Uma guerra de lances vai tirar do marasmo o mercado de arte internacional. No dia 7 de novembro estará à venda aquela que talvez tenha sido a última tela feita pelo pintor holandês Vincent van Gogh, antes de ele se suicidar no dia 29 de julho de 1890, aos 37 anos. Essa preciosidade, pertencente a um colecionador privado, chama-se The fields (wheat fields) e será leiloada pela Sotheby’s de Nova York. Antes disso, a estonteante vista de um campo de trigo varrido pelo vento e dominado por um vasto céu azul poderá ser apreciada, do dia 7 ao dia 12, no escritório londrino dessa casa de leilões. Depois, só em reproduções de livros. O preço estimado da pintura é de US$ 35 milhões. Esse valor, no entanto, deve se multiplicar. “Aqui está um artista literalmente prestes a tirar a vida, atravessado por um profundo desespero, mas ainda pintando com amarelos vibrantes, azuis esplêndidos e verde-esmeraldas”, diz David Norman, vice-presidente executivo da Sotheby’s.

Especialistas acreditam que Van Gogh pintou The fields 19 dias antes de se matar, quando morava na pousada Ravoux Inn, na região de Auvers-sur- Oise, na França – local ensolarado que atraiu artistas como Camille Pissaro e Paul Cézanne. The fields era uma das telas que estavam dependuradas em seu quarto na ocasião da tragédia. Uma das provas é que, numa carta ao irmão Theo, datada de 10 de julho de 1890, o artista afirma ter finalizado uma paisagem cuja descrição coincide com uma das três telas feitas naquela semana. “Essa região é dominada por vastos campos de trigo sob céus carregados e são o correspondente para a minha tristeza e extrema solidão”, escreveu Van Gogh. “Essas telas vão dizer a você tudo o que eu não consigo expressar em palavras.” Não por acaso, o irmão Theo criou uma relação tão forte com a obra que a guardou em sua coleção por quase 20 anos. Depois que morreu, sua mulher a vendeu em 1907. Daí em diante, a pintura foi passando pelas mãos de diferentes colecionadores – aquele que a está colocando em leilão manteve-se anônimo.
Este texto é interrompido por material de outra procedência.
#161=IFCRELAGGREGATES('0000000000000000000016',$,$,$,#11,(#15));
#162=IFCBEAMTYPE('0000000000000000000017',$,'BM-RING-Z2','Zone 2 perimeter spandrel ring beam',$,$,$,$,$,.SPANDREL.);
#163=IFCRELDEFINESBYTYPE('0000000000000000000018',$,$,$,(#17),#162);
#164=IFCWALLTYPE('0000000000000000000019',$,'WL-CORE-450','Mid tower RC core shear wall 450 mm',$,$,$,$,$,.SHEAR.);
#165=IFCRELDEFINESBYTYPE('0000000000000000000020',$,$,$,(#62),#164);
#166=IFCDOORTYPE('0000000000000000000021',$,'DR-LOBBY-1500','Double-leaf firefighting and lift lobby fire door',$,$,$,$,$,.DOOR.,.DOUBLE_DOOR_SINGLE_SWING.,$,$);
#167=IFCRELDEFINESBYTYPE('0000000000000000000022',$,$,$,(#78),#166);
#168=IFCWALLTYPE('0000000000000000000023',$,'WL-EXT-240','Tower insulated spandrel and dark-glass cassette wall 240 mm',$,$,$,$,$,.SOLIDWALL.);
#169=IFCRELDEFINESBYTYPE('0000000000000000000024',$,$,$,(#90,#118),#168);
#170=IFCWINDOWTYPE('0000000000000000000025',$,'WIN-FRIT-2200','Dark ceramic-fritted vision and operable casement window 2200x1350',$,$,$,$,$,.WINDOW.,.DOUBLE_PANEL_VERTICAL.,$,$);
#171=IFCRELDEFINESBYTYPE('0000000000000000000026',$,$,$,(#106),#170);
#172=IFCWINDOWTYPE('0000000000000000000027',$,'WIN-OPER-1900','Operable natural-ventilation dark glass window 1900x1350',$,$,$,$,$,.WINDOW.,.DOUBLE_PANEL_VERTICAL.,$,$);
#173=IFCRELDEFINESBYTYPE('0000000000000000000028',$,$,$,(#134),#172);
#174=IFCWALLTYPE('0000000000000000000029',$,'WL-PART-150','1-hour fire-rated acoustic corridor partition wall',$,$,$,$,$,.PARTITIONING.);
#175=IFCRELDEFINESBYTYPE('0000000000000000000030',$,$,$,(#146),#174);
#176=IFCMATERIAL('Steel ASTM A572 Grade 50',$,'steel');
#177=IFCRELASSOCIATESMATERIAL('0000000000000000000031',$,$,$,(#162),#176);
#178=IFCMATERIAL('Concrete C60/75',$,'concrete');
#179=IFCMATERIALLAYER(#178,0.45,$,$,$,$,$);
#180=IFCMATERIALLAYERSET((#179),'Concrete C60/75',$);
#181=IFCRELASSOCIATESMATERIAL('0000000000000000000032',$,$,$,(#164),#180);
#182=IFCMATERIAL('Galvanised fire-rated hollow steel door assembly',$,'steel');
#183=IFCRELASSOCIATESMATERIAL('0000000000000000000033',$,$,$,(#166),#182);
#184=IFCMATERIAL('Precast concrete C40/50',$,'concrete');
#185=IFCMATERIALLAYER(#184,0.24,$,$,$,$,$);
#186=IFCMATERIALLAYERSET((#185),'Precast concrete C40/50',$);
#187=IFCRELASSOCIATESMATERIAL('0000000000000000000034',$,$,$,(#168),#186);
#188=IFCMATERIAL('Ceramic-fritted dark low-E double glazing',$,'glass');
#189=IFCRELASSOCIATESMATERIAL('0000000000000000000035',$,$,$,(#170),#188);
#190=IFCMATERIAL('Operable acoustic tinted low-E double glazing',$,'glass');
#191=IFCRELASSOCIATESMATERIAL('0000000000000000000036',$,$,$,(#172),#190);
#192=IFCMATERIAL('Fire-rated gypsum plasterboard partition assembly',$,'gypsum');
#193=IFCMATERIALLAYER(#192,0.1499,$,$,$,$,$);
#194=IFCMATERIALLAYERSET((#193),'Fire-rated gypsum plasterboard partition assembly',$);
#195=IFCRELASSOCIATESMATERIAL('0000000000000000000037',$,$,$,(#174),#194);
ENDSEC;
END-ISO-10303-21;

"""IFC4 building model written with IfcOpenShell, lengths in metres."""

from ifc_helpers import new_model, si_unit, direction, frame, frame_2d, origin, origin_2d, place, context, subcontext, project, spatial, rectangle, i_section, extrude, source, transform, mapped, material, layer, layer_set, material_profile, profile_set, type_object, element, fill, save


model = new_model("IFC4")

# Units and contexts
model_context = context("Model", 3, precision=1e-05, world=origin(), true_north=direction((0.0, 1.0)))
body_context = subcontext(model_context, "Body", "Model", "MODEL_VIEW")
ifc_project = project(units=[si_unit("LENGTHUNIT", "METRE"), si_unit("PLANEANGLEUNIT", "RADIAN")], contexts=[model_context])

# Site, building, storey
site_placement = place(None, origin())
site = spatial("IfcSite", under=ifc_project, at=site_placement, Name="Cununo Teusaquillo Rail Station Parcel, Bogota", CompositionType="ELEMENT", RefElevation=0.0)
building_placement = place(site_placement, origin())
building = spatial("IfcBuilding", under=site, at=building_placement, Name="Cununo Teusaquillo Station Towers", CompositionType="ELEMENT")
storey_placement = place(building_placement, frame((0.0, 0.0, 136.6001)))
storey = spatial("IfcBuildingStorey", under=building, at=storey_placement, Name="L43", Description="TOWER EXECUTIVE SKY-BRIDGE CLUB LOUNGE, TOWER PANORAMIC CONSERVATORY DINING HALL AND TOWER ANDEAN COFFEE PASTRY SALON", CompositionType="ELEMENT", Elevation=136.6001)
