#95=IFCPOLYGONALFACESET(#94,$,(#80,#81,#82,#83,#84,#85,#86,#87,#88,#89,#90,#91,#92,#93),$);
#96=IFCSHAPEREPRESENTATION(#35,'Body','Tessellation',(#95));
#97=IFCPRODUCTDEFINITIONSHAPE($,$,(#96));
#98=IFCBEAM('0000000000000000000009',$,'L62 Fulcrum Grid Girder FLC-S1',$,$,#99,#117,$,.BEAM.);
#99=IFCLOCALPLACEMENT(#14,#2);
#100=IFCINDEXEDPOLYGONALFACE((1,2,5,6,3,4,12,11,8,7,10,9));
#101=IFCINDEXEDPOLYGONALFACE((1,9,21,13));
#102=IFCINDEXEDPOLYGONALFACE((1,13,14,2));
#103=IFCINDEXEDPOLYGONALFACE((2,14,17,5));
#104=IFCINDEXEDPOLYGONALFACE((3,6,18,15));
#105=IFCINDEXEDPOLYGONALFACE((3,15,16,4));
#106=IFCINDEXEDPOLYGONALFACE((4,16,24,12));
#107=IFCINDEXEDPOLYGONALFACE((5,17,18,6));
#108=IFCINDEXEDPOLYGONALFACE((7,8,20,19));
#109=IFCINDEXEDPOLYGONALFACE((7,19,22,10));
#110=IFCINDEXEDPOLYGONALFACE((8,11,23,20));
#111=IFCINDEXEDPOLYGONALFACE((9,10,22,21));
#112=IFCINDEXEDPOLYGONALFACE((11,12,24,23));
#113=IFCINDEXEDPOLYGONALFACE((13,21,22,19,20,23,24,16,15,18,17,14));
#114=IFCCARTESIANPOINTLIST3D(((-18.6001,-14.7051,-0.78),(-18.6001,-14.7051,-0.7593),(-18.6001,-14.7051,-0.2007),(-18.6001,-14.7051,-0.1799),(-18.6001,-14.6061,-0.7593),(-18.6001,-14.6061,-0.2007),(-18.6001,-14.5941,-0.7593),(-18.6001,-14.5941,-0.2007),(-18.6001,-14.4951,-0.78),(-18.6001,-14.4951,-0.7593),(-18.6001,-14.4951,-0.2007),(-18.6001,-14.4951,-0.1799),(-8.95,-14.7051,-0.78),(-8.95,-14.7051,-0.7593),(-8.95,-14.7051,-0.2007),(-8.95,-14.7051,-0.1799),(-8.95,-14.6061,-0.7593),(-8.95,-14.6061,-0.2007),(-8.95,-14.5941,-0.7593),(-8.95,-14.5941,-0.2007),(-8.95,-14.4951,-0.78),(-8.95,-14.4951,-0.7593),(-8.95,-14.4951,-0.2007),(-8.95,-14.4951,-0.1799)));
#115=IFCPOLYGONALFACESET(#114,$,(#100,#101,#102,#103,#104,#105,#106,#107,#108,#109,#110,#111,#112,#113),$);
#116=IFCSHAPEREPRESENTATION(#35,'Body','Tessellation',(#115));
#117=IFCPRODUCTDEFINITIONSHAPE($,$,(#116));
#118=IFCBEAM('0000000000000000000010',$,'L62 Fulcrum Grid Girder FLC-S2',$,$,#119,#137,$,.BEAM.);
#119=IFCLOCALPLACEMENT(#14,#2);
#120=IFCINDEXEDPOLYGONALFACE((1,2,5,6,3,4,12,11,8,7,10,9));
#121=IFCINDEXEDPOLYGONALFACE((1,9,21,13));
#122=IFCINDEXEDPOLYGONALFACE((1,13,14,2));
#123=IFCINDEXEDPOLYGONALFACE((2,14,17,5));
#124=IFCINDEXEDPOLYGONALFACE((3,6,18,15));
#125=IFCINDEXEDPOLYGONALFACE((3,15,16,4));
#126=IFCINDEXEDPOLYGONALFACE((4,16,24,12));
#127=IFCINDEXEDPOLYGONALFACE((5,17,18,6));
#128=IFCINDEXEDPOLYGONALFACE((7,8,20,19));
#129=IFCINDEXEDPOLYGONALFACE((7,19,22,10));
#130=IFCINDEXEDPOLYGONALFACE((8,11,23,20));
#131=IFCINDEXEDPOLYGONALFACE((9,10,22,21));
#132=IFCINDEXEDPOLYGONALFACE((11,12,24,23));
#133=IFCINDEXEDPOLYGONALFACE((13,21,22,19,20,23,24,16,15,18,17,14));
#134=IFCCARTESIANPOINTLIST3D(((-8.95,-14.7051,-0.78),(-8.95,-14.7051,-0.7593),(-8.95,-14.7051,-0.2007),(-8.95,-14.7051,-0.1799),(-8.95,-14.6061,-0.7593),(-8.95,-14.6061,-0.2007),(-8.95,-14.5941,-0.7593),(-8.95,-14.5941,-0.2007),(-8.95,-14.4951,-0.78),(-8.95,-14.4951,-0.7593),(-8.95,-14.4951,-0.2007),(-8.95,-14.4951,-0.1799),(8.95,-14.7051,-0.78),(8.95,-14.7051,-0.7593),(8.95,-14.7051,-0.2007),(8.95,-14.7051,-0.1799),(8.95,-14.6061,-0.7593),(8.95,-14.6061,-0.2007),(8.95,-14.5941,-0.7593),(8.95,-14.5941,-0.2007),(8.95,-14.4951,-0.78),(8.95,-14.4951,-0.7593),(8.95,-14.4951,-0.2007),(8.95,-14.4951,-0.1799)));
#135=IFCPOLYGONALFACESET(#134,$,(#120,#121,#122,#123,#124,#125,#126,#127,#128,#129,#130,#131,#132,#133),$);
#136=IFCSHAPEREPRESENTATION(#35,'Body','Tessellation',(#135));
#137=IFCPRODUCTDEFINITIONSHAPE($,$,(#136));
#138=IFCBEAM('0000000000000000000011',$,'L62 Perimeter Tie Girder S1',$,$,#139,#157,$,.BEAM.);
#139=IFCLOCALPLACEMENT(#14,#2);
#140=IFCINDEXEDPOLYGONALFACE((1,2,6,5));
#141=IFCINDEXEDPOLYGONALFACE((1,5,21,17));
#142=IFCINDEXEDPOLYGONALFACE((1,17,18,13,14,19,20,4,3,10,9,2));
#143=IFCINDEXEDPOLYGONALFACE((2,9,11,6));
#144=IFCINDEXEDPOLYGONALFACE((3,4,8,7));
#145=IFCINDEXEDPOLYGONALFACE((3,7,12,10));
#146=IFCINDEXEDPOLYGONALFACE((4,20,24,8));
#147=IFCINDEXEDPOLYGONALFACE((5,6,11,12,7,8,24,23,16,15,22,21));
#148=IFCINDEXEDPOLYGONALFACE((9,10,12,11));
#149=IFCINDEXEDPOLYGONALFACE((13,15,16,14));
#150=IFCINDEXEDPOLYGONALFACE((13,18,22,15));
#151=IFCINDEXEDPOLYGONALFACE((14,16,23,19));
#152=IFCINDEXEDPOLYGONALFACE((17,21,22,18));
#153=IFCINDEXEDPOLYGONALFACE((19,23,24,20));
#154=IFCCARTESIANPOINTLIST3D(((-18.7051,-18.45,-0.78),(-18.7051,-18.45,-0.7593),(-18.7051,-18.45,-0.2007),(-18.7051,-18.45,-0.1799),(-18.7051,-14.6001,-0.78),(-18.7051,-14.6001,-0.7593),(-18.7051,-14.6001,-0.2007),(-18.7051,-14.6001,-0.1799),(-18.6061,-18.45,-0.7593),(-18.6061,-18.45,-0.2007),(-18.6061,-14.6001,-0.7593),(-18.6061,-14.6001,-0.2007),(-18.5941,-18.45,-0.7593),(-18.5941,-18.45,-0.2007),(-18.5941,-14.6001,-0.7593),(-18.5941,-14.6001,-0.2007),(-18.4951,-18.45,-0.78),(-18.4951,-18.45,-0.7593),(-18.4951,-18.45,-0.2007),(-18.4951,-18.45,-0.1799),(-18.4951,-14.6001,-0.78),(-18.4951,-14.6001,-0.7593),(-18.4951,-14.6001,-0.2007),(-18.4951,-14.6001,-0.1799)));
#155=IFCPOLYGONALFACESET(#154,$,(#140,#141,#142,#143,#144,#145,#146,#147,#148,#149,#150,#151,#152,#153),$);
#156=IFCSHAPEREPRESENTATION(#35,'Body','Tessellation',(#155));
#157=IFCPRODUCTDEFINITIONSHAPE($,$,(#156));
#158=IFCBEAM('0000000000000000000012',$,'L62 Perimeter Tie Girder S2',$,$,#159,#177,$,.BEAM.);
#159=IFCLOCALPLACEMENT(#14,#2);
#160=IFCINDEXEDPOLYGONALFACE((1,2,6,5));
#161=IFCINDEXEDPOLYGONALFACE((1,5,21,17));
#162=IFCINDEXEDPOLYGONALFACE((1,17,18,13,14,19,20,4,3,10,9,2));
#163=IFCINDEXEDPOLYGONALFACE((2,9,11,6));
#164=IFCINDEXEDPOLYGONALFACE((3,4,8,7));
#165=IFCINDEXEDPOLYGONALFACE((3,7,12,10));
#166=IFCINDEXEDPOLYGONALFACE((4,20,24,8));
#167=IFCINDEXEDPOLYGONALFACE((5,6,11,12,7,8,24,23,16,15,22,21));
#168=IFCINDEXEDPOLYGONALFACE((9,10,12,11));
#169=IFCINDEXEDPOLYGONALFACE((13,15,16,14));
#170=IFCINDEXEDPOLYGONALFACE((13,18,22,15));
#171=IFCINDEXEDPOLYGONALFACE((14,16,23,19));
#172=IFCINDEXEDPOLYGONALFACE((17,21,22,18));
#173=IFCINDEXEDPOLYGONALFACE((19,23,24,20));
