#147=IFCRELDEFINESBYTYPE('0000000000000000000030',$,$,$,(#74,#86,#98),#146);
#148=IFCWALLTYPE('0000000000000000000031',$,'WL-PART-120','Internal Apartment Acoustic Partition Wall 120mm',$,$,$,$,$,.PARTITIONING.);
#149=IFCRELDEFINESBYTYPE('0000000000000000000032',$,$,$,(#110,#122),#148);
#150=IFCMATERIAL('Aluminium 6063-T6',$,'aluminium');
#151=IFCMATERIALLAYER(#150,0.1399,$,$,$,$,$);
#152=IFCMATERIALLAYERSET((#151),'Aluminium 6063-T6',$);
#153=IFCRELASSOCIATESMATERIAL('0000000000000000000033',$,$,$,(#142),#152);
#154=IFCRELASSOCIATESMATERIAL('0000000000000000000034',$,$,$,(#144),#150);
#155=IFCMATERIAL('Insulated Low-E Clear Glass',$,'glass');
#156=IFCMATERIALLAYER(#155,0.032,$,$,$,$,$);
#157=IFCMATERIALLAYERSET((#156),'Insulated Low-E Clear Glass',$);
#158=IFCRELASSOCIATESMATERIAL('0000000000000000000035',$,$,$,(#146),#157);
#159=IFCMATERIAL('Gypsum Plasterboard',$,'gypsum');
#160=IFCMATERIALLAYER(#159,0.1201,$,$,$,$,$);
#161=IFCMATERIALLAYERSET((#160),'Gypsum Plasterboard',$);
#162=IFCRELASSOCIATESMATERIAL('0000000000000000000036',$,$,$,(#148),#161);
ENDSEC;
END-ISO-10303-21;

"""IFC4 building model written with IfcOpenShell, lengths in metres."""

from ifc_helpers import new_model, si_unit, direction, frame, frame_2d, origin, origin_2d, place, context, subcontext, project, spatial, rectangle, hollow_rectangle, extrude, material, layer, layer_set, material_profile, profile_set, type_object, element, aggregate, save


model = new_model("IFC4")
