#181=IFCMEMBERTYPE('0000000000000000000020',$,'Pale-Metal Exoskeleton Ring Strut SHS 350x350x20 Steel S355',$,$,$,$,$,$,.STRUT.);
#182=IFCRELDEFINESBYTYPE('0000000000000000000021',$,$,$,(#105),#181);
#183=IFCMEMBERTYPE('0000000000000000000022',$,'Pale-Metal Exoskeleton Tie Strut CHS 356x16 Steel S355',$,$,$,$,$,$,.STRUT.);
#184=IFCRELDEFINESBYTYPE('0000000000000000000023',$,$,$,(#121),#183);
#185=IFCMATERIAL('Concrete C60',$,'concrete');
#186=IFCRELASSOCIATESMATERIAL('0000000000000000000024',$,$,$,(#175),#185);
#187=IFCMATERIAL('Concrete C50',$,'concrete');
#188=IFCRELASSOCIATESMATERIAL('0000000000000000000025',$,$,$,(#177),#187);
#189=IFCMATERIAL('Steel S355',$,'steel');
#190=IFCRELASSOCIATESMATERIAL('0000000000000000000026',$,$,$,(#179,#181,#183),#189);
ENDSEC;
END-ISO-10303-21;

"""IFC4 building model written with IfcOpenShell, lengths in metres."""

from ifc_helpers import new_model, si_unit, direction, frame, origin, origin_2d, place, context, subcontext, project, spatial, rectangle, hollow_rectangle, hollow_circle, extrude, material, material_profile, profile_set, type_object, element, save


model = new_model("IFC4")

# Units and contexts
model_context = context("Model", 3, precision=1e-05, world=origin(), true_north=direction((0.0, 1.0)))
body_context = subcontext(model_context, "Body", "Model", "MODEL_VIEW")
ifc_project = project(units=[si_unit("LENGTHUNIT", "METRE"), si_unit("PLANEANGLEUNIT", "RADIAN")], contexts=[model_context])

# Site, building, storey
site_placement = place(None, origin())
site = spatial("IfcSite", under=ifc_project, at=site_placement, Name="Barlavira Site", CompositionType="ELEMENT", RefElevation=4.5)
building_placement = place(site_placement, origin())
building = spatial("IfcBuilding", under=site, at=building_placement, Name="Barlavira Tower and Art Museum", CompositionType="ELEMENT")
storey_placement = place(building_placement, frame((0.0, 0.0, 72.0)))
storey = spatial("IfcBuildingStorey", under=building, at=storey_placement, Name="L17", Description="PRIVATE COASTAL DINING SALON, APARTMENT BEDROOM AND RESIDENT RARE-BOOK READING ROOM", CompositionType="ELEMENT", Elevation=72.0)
A Sotheby’s de Nova York anuncia a venda da tela The fields, avaliada em US$ 35 milhões

De 2001 para cá, The field esteve sob a guarda do Museu Van Gogh, em Amsterdã. Estudiosos da obra do holandês, que possui alguns dos recordes no mercado de arte (sua tela mais cara é O retrato do Dr. Gachet, avaliada em US$ 82,5 milhões), costumam incluí-la no período em que o pintor encontrou no esplendor da paisagem francesa forças para tentar superar a depressão. Nas primeiras semanas de sua estada em Auvers, Van Gogh pintou casarios e ruas. No mês de junho, sob o impacto da intensa luz do verão, mudou subitamente de tema e passou a explorar o vasto horizonte diante do qual já não se viam as figuras de agricultores de suas primeiras telas rurais. Os campos aparecem vazios da presença humana, assim como de casas ou qualquer elemento narrativo – há apenas o silêncio dos trigais e o infinito azul do céu. “Sinto-me absorvido pela imensa planície com suas plantações, sem limites como o mar.” Foi no meio de um trigal como esse que Van Gogh tirou a vida com um tiro no peito.